Hi everyone, I am a beginner in RNA-seq data analysis, so I have many doubts I am trying to solve them all step by step. I can't find a proper answer to this one: Which is the best way to select genes of interest for clustering with heatmap? I am using pheatmap package in R after using Deseq2 for DE analysis. I followed the official vignette.
#1
topVarGenes <- head(order(rowVars(assay(rld)), decreasing = TRUE), 100) #assay(rld): counts transformed using the rlog function
mat <- assay(rld)[ topVarGenes, ]
mat <- mat - rowMeans(mat)
anno <- as.data.frame(colData(rld)[, c("genotype","condition")])
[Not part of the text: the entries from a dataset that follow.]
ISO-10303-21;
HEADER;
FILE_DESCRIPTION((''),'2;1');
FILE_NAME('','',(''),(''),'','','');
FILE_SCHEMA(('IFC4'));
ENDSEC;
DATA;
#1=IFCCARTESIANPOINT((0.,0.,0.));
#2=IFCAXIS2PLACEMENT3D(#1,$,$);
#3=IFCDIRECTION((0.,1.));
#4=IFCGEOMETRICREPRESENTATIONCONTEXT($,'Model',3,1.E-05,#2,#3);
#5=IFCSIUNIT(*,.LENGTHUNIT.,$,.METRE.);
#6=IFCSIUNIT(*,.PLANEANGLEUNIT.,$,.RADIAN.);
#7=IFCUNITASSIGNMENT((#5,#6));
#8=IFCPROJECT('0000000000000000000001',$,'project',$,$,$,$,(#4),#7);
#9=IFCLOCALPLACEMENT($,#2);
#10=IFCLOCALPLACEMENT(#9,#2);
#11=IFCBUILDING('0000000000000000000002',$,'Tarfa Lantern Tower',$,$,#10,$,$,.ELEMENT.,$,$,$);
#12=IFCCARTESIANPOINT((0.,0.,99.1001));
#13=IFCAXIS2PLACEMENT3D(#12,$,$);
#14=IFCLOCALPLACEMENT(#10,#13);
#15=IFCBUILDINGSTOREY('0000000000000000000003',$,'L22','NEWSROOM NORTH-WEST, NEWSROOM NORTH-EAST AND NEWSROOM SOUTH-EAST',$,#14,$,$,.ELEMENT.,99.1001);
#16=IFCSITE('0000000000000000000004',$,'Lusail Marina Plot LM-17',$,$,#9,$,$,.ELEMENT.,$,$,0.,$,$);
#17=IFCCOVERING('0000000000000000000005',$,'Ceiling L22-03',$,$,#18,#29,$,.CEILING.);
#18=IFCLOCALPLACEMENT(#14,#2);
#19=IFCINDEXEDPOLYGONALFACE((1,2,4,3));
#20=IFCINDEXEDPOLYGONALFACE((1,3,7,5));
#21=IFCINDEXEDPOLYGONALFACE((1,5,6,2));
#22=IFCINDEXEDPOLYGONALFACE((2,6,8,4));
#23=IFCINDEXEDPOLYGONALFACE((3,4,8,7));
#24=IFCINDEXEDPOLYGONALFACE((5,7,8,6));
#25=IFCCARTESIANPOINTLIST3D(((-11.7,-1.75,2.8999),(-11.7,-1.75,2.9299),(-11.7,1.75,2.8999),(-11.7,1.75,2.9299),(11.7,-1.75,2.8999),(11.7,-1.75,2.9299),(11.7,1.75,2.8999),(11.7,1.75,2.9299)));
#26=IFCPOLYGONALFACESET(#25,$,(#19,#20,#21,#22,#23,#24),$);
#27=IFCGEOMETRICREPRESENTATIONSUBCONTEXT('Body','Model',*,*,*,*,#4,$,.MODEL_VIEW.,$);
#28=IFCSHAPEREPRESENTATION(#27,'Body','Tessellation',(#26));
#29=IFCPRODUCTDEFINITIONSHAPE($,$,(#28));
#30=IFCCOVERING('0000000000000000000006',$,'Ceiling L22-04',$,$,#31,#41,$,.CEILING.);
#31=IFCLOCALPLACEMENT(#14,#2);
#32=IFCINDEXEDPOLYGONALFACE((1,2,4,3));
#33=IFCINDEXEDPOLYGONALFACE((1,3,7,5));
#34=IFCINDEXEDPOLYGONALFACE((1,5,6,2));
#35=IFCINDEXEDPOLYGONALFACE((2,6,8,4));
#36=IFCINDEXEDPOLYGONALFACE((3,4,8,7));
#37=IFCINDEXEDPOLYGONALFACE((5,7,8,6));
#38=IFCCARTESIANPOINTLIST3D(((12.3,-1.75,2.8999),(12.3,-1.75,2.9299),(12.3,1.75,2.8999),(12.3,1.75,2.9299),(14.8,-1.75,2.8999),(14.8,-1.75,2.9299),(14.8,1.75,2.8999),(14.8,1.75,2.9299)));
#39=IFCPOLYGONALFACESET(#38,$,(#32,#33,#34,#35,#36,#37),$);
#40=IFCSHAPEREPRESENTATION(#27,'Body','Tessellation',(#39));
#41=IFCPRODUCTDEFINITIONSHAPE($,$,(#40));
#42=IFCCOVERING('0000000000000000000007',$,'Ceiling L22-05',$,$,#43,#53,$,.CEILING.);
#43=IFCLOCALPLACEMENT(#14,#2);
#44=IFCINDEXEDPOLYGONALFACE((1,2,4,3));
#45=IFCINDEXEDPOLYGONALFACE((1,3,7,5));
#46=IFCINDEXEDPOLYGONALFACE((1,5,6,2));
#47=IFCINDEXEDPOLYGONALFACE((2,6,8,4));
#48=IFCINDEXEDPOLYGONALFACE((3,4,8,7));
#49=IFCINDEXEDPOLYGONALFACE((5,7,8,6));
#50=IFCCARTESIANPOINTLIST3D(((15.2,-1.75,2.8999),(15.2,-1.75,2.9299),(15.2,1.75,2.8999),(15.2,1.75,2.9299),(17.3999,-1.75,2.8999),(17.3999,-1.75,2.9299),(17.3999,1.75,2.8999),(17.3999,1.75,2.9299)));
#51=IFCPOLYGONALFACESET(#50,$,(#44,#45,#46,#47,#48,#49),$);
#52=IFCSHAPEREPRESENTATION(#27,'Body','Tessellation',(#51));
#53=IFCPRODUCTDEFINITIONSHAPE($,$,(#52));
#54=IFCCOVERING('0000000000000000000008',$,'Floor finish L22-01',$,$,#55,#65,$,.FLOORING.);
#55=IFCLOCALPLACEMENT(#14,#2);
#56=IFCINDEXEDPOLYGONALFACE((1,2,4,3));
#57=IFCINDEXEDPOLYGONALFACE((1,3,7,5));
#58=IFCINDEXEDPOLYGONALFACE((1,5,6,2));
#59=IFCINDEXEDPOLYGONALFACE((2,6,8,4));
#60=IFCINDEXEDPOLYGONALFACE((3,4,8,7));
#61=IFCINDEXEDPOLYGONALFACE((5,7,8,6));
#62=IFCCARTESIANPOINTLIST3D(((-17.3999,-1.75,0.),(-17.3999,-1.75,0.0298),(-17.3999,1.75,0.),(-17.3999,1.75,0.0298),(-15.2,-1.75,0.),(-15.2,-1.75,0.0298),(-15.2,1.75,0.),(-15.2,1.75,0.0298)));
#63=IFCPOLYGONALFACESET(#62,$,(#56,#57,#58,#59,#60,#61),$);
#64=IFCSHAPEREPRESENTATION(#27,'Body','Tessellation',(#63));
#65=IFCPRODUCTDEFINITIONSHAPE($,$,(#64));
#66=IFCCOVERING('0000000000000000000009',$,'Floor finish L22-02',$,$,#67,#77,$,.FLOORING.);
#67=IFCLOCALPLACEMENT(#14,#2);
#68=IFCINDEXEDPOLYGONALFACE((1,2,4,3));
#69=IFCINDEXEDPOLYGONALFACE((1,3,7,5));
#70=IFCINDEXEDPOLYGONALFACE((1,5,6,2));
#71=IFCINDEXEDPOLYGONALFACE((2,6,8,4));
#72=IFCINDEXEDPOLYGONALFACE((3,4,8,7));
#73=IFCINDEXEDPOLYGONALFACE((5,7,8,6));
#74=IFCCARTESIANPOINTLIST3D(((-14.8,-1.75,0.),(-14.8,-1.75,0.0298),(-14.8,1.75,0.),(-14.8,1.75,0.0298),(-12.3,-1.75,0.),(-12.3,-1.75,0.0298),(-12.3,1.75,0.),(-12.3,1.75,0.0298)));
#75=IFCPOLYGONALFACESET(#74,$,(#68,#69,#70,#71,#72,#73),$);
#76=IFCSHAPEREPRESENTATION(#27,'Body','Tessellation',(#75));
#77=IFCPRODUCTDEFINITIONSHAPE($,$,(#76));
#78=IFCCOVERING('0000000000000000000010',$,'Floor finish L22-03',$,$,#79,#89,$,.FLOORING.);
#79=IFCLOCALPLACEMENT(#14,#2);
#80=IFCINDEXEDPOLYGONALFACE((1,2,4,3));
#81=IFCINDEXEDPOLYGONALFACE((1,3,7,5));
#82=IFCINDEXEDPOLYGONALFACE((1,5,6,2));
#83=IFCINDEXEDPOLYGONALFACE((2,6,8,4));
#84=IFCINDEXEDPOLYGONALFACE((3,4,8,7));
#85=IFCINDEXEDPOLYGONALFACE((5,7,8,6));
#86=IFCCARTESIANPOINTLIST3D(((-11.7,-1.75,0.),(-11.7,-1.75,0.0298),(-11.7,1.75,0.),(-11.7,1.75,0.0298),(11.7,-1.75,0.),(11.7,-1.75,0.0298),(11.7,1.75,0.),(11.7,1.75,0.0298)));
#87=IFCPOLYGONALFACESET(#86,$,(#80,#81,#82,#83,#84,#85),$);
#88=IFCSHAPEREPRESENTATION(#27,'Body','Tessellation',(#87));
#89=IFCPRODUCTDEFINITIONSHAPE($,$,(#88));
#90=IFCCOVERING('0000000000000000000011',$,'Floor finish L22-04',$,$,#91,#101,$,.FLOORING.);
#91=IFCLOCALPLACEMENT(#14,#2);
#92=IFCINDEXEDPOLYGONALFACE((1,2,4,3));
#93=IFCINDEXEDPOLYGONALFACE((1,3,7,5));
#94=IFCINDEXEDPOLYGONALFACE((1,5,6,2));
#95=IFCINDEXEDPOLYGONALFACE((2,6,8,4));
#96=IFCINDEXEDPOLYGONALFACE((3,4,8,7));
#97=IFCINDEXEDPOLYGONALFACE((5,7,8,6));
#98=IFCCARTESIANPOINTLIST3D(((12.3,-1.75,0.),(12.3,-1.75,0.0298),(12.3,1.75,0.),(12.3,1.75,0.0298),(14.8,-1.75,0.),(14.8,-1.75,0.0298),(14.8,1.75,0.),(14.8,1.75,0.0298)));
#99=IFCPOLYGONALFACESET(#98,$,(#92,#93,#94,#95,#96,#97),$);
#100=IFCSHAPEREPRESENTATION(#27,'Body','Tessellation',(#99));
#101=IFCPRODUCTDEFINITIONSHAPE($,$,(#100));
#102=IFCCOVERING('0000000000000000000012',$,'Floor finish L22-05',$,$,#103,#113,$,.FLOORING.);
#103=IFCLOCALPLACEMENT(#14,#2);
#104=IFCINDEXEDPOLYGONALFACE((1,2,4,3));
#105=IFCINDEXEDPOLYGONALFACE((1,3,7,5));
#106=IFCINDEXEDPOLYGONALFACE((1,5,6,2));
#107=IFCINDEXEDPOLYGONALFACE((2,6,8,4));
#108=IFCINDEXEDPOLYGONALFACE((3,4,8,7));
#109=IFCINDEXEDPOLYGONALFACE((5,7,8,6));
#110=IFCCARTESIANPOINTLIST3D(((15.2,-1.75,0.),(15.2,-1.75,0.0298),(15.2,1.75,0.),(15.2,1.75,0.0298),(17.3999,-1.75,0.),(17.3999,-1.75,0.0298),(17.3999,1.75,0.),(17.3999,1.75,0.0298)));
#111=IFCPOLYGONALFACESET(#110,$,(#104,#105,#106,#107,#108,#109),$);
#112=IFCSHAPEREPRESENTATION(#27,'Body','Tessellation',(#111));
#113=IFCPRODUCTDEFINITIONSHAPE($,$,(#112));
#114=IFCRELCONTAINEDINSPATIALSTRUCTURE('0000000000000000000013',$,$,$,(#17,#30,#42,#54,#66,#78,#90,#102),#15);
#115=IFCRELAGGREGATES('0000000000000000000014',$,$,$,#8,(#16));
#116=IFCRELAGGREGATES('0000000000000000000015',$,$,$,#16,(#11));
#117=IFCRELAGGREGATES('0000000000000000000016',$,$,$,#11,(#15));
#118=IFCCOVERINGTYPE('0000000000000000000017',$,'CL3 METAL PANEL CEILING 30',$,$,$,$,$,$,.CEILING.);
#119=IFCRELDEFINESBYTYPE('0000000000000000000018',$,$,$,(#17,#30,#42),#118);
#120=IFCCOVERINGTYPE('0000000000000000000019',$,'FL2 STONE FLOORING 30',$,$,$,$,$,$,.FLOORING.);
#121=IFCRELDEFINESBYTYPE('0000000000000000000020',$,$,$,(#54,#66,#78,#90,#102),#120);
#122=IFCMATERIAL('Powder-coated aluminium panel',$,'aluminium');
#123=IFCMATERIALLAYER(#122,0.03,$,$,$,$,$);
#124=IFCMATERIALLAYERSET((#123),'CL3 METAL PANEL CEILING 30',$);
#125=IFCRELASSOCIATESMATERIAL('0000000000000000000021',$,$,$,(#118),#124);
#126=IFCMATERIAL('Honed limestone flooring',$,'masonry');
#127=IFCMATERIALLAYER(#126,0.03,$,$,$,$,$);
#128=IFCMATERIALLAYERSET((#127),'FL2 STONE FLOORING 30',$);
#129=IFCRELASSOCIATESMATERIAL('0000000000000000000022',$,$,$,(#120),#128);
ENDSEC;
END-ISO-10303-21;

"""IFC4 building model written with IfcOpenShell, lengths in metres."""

from ifc_helpers import new_model, si_unit, direction, frame, origin, place, context, subcontext, project, spatial, polyline, outline, extrude, material, layer, layer_set, type_object, element, save


model = new_model("IFC4")

# Units and contexts
model_context = context("Model", 3, precision=1e-05, world=origin(), true_north=direction((0.0, 1.0)))
body_context = subcontext(model_context, "Body", "Model", "MODEL_VIEW")
ifc_project = project(units=[si_unit("LENGTHUNIT", "METRE"), si_unit("PLANEANGLEUNIT", "RADIAN")], contexts=[model_context])

# Site, building, storey
site_placement = place(None, origin())
site = spatial("IfcSite", under=ifc_project, at=site_placement, Name="Lusail Marina Plot LM-17", CompositionType="ELEMENT", RefElevation=0.0)
building_placement = place(site_placement, origin())
building = spatial("IfcBuilding", under=site, at=building_placement, Name="Tarfa Lantern Tower", CompositionType="ELEMENT")
storey_placement = place(building_placement, frame((0.0, 0.0, 99.1001)))
storey = spatial("IfcBuildingStorey", under=building, at=storey_placement, Name="L22", Description="NEWSROOM NORTH-WEST, NEWSROOM NORTH-EAST AND NEWSROOM SOUTH-EAST", CompositionType="ELEMENT", Elevation=99.1001)

# Coverings
ifc_material_1 = material(Name="Powder-coated aluminium panel", Category="aluminium")
ifc_layer_1 = layer(ifc_material_1, 0.03)
ifc_layer_set_1 = layer_set([ifc_layer_1], Name="CL3 METAL PANEL CEILING 30")
covering_type_1 = type_object("IfcCoveringType", Name="CL3 METAL PANEL CEILING 30", PredefinedType="CEILING", material=ifc_layer_set_1)
covering_1_placement = place(storey_placement, frame((0.0, 0.0, 2.8999)))
element("IfcCovering", 1, at=covering_1_placement, inside=storey, type_object=covering_type_1, Name="Ceiling L22-03", PredefinedType="CEILING", context=body_context, shape_type="SweptSolid", body=[
    extrude(outline(polyline([(-11.7, -1.75), (11.7, -1.75), (11.7, 1.75), (-11.7, 1.75), (-11.7, -1.75)])), origin(), (0.0, 0.0, 1.0), 0.03),
])
covering_2_placement = place(storey_placement, frame((0.0, 0.0, 2.8999)))
element("IfcCovering", 2, at=covering_2_placement, inside=storey, type_object=covering_type_1, Name="Ceiling L22-04", PredefinedType="CEILING", context=body_context, shape_type="SweptSolid", body=[
    extrude(outline(polyline([(12.3, -1.75), (14.8, -1.75), (14.8, 1.75), (12.3, 1.75), (12.3, -1.75)])), origin(), (0.0, 0.0, 1.0), 0.03),
])
covering_3_placement = place(storey_placement, frame((0.0, 0.0, 2.8999)))
element("IfcCovering", 3, at=covering_3_placement, inside=storey, type_object=covering_type_1, Name="Ceiling L22-05", PredefinedType="CEILING", context=body_context, shape_type="SweptSolid", body=[
    extrude(outline(polyline([(15.2, -1.75), (17.3999, -1.75), (17.3999, 1.75), (15.2, 1.75), (15.2, -1.75)])), origin(), (0.0, 0.0, 1.0), 0.03),
])
ifc_material_2 = material(Name="Honed limestone flooring", Category="masonry")
ifc_layer_2 = layer(ifc_material_2, 0.03)
ifc_layer_set_2 = layer_set([ifc_layer_2], Name="FL2 STONE FLOORING 30")
covering_type_2 = type_object("IfcCoveringType", Name="FL2 STONE FLOORING 30", PredefinedType="FLOORING", material=ifc_layer_set_2)
covering_4_placement = place(storey_placement, origin())
element("IfcCovering", 4, at=covering_4_placement, inside=storey, type_object=covering_type_2, Name="Floor finish L22-01", PredefinedType="FLOORING", context=body_context, shape_type="SweptSolid", body=[
    extrude(outline(polyline([(-17.3999, -1.75), (-15.2, -1.75), (-15.2, 1.75), (-17.3999, 1.75), (-17.3999, -1.75)])), origin(), (0.0, 0.0, 1.0), 0.0298),
])
covering_5_placement = place(storey_placement, origin())
element("IfcCovering", 5, at=covering_5_placement, inside=storey, type_object=covering_type_2, Name="Floor finish L22-02", PredefinedType="FLOORING", context=body_context, shape_type="SweptSolid", body=[
    extrude(outline(polyline([(-14.8, -1.75), (-12.3, -1.75), (-12.3, 1.75), (-14.8, 1.75), (-14.8, -1.75)])), origin(), (0.0, 0.0, 1.0), 0.0298),
])
covering_6_placement = place(storey_placement, origin())
element("IfcCovering", 6, at=covering_6_placement, inside=storey, type_object=covering_type_2, Name="Floor finish L22-03", PredefinedType="FLOORING", context=body_context, shape_type="SweptSolid", body=[
    extrude(outline(polyline([(-11.7, -1.75), (11.7, -1.75), (11.7, 1.75), (-11.7, 1.75), (-11.7, -1.75)])), origin(), (0.0, 0.0, 1.0), 0.0298),
])
covering_7_placement = place(storey_placement, origin())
pheatmap(mat, annotation_col = anno, labels_row = annotRld$mgi_symbol, fontsize_row =7)
#2
topVarGenes <- head(order(rowVars(countsdds), decreasing = TRUE), 100) #countsdds: normalized counts using countsdds <- counts(dds, normalized = TRUE)
mat <- assay(rld)[ topVarGenes, ]
mat <- mat - rowMeans(mat)
anno <- as.data.frame(colData(rld)[, c("genotype","condition")])
pheatmap(mat, annotation_col = anno, labels_row = annotRld$mgi_symbol, fontsize_row = 7)
#3
topGene <- head(order(rownames(res)[res$log2FoldChange < 1.5 & res$pvalue > 0.05]), decreasing = TRUE, 50) #select the genes using the results table I got from res <- results(dds...)
mat <- assay(rld)[ topGene, ]
mat <- mat - rowMeans(mat)
anno <- as.data.frame(colData(rld)[, c("genotype","condition")])
pheatmap(mat, annotation_col = anno, labels_row = annotRld$mgi_symbol, fontsize_row =8)
is it correct to use rlog transformation? or I need to use normalized counts?
Does it make sense to set decreasing = TRUE
?
I am not much satisfied with the outputs, so I would really appreciate some explanation or a link where I can take a look at for the best gene clustering ever :)
Thank you in advance!
Stay safe
thanks for the quick reply. my main goal is to understand what is the difference in my ctrl vs my transgenic with a treatment (interaction term). The results
res
, I used in my third option are related to my main question. I just saw a mistake in my script, I wanted to selectres$log2FoldChange > 1.5
. it is for extracting the data with major changes.